Of particular interest will be the charts which plot oil production vs GOR for a county to see if a particular characteristic develops that indicates the field is close to entering the bubble point phase. While the GOR metric is best suited for characterizing individual wells, counties with closely spaced horizontal wells may display a behaviour similar to individual wells due to pressure cross talking . For further information on the bubble point and GOR, there are a few good thoughts on the intricacies of the GOR in an earlier POB comment. Also check this EIA topic on GOR.

This chart shows four oil production graphs for the Permian basin updated to March and to June for the DPR. The gap between the DPR and LTO projections is there because the DPR projection includes both LTO oil along with oil from conventional wells in the basins that it covers.

The red and green graphs show oil production as published by the EIA’s DPR and the LTO offices. Comparing the two, it appears that both the LTO and DPR offices believe Permian LTO production is currently in a plateauing phase. The blue graph is a projection for Permian oil production. The brown chart is the sum of preliminary Permian production data as taken from the Texas RRC and the New Mexico Oil Conservation Division. The big January drop is due to severe weather in the central US.

The blue Permian projection graph only uses two months of preliminary production data, February and March, from the New Mexico OCD and the Texas RRC to make its March projection. The Permian projection is showing an extra 80 kb/d over the DPR production estimate for March.
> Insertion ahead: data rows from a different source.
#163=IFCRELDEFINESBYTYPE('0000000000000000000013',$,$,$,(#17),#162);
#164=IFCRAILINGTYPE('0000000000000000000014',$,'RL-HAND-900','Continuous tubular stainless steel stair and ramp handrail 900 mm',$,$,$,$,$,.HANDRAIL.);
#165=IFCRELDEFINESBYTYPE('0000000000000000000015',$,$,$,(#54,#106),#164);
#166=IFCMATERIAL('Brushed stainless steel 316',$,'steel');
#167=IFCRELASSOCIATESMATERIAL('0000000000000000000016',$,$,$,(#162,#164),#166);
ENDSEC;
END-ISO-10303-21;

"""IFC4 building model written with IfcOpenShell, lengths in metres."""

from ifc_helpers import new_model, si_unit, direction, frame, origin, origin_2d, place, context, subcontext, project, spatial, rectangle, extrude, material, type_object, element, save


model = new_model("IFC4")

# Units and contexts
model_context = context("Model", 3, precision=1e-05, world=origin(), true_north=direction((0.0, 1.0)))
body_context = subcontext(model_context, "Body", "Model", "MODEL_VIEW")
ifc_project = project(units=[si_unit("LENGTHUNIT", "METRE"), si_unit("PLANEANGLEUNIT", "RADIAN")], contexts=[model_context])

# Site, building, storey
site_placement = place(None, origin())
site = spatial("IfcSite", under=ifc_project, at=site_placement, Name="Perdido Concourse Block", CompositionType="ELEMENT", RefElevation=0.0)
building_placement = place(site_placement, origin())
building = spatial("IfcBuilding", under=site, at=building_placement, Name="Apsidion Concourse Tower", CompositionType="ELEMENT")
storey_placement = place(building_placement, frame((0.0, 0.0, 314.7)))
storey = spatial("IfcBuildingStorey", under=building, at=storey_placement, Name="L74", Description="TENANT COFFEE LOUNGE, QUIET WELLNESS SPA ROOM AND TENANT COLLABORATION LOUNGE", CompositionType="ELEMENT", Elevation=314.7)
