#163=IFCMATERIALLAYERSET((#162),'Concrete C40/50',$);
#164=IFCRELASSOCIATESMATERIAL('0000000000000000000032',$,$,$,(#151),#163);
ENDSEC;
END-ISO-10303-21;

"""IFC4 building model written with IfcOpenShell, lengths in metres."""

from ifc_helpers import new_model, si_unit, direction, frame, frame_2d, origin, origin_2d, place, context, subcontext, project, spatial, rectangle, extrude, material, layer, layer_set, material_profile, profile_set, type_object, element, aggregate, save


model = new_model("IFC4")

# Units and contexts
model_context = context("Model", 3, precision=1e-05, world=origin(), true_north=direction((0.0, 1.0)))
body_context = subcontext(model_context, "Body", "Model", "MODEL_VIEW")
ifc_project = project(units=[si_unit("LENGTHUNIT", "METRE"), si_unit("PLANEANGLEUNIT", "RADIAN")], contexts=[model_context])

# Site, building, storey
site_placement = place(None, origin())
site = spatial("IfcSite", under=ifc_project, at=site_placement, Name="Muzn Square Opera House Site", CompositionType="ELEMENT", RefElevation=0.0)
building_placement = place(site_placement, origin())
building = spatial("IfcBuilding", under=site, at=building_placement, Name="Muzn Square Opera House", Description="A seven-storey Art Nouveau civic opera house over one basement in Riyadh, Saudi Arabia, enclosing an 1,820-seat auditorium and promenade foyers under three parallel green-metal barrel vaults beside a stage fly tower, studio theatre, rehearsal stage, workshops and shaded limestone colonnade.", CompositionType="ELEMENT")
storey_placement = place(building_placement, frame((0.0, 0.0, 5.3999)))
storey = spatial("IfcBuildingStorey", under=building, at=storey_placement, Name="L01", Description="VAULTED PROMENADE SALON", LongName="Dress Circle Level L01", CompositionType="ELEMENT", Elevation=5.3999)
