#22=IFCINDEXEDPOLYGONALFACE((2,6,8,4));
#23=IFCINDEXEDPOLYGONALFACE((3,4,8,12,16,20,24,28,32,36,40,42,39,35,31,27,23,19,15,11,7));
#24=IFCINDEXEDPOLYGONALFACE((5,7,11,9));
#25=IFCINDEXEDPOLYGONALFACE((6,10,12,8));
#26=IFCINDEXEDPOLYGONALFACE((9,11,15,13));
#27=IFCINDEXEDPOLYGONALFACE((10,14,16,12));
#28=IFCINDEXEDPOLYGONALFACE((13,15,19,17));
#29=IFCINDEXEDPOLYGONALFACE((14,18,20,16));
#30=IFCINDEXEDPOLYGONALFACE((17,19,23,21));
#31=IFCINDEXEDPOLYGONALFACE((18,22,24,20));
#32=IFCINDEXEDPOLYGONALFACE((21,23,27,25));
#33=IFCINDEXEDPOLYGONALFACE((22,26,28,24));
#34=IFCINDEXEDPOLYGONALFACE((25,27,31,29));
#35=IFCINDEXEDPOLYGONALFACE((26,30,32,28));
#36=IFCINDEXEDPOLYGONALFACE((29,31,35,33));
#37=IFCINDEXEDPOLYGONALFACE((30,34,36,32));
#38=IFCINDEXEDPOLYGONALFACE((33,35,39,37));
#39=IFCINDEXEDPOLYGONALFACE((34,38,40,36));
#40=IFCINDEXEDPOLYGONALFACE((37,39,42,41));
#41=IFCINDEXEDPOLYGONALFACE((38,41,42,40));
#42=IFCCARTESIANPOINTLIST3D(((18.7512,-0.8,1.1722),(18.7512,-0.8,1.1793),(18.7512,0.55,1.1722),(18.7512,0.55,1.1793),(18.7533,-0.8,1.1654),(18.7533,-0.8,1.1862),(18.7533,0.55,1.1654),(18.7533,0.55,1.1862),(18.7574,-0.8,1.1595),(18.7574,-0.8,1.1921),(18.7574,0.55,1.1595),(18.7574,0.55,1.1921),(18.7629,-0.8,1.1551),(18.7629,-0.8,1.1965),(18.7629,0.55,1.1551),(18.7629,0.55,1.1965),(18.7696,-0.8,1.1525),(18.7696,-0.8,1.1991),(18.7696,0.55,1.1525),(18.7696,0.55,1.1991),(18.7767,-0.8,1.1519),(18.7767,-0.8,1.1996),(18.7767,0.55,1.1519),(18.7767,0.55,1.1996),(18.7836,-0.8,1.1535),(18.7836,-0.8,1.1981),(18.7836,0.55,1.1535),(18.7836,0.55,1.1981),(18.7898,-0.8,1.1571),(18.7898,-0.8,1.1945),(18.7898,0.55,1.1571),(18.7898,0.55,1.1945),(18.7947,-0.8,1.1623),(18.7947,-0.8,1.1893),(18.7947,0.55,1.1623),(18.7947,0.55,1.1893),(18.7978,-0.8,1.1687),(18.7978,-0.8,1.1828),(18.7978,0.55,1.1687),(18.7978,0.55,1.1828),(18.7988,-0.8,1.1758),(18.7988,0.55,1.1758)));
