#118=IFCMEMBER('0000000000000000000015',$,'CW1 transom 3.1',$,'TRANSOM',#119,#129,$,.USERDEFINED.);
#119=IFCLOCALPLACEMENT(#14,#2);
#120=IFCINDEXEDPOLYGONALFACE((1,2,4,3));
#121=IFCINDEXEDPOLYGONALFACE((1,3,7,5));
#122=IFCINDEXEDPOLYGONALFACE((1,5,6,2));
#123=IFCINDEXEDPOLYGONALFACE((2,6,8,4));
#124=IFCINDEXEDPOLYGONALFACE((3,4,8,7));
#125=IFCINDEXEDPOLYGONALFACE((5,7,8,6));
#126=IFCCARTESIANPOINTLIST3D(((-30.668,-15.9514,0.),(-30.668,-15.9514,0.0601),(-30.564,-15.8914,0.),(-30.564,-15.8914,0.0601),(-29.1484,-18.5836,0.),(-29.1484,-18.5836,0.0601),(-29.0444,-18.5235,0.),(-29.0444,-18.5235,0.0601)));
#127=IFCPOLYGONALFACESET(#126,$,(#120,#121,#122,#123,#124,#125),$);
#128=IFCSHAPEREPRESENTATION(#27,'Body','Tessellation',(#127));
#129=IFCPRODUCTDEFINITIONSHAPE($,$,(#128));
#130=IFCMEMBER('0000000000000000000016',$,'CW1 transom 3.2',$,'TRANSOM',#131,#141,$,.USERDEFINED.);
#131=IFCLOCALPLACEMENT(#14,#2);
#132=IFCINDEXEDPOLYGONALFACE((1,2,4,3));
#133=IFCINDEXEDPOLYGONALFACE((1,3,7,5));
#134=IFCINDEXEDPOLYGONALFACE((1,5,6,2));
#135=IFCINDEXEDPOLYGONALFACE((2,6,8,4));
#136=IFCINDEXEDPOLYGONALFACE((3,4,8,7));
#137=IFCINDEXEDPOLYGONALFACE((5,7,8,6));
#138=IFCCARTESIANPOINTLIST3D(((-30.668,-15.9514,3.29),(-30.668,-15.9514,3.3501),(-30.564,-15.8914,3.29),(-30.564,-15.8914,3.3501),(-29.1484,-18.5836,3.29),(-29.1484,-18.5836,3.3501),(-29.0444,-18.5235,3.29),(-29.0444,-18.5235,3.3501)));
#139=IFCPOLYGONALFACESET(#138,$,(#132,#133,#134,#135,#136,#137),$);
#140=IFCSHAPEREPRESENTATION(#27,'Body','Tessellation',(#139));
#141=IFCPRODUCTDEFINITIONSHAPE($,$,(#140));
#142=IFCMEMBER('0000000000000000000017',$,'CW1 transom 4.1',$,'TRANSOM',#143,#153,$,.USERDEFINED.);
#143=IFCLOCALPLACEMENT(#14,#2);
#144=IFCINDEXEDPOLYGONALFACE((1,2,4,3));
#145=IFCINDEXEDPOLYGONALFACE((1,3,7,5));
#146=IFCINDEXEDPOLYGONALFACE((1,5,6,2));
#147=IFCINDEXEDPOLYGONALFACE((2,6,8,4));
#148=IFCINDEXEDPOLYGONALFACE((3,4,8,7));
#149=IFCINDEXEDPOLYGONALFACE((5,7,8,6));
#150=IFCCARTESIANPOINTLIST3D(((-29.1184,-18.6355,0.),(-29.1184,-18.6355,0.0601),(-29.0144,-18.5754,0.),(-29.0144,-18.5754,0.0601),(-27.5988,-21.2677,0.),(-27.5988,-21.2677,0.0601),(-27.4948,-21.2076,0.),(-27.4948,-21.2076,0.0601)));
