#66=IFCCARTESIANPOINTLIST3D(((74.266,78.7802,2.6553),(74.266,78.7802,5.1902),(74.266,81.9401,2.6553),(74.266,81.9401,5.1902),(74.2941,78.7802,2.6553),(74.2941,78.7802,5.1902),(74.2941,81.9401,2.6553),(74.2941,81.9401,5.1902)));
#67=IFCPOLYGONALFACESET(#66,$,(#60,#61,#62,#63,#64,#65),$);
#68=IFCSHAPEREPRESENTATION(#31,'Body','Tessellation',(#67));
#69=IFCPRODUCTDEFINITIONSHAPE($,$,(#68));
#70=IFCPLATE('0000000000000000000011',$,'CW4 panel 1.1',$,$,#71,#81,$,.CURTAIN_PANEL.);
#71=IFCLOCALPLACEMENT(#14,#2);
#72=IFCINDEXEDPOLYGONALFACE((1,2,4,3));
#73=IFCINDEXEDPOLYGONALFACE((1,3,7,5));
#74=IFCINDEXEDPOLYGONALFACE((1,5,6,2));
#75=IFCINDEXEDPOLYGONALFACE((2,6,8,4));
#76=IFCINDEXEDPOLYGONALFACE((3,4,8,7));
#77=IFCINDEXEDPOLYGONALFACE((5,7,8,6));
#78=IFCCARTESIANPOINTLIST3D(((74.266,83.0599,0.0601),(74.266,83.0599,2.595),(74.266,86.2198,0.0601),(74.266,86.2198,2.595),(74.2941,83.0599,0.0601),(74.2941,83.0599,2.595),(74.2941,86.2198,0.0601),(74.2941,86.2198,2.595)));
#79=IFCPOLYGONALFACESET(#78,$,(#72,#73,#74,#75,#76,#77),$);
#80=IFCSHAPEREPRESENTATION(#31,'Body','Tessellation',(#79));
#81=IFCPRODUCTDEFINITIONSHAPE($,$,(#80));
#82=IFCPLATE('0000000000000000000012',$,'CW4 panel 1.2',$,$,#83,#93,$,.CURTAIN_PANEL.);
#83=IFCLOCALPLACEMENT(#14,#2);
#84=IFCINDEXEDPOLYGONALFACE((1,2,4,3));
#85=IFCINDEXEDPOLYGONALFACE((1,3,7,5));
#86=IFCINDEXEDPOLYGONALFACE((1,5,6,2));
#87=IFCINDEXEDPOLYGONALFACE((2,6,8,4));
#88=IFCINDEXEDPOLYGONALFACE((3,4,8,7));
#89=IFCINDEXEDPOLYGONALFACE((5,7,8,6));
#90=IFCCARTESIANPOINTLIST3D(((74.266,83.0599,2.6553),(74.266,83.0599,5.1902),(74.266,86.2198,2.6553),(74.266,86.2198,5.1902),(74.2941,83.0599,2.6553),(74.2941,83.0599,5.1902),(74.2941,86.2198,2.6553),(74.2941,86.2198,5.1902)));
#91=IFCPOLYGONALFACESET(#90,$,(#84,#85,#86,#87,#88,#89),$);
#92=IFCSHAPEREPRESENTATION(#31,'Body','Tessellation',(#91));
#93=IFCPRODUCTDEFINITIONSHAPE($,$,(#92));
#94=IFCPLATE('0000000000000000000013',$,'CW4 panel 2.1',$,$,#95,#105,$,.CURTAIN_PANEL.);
The initial attempt to project the combined Texas and Permian results using the same methodology as used to project New Mexico production has not been successful. A modification has been introduced for projecting Texas results and limited back testing was undertaken. It will take a few more months of Texas data to see if the modification gives reasonable results.

Since the middle of August 2023, the Lea county rig count has dropped from 65 rigs to 40 rigs in late January. For all of May 2024 the rig count has held steady at 49 rigs. At the same time production has increased slightly to 1,156 kb/d over the period January 2023 to February 2024. See next chart.

From a low of 35 rigs in late October 2023, 20 rigs moved into Eddy county at its peak in late March, 55. Currently 52 rigs are operating. Something is happening in Eddy county which will take at least six months to show up.

Preliminary March data indicates Lea County oil production increased by 47 kb/d to a new record high of 1,149 kb/d. A projection for March’s final production estimates it will be closer to 1,156 kb/d.

The blue graph shows the average number of weekly rigs operating during a given month as taken from the above weekly rig chart. The rig graph has been shifted forward by 7 months. So the 64 Rigs/wk operating in August 2023 have been time shifted forward to February 2024 to show the possible correlation and time delay between rig count and oil production. If the oil production were to follow the rig count going forward, oil production in Lea County should begin to drop in April or May.

Note that rig counts are being used to project production as opposed to completions because very few extra DUCs are being completed at this time.

After much zigging and zagging, oil production in Lea county stabilized just above 1,000 kb/d. Once production reached a new high in January 2023, production essentially plateaued but the GOR started to increase rapidly to the right and entered the bubble point phase in July 2023.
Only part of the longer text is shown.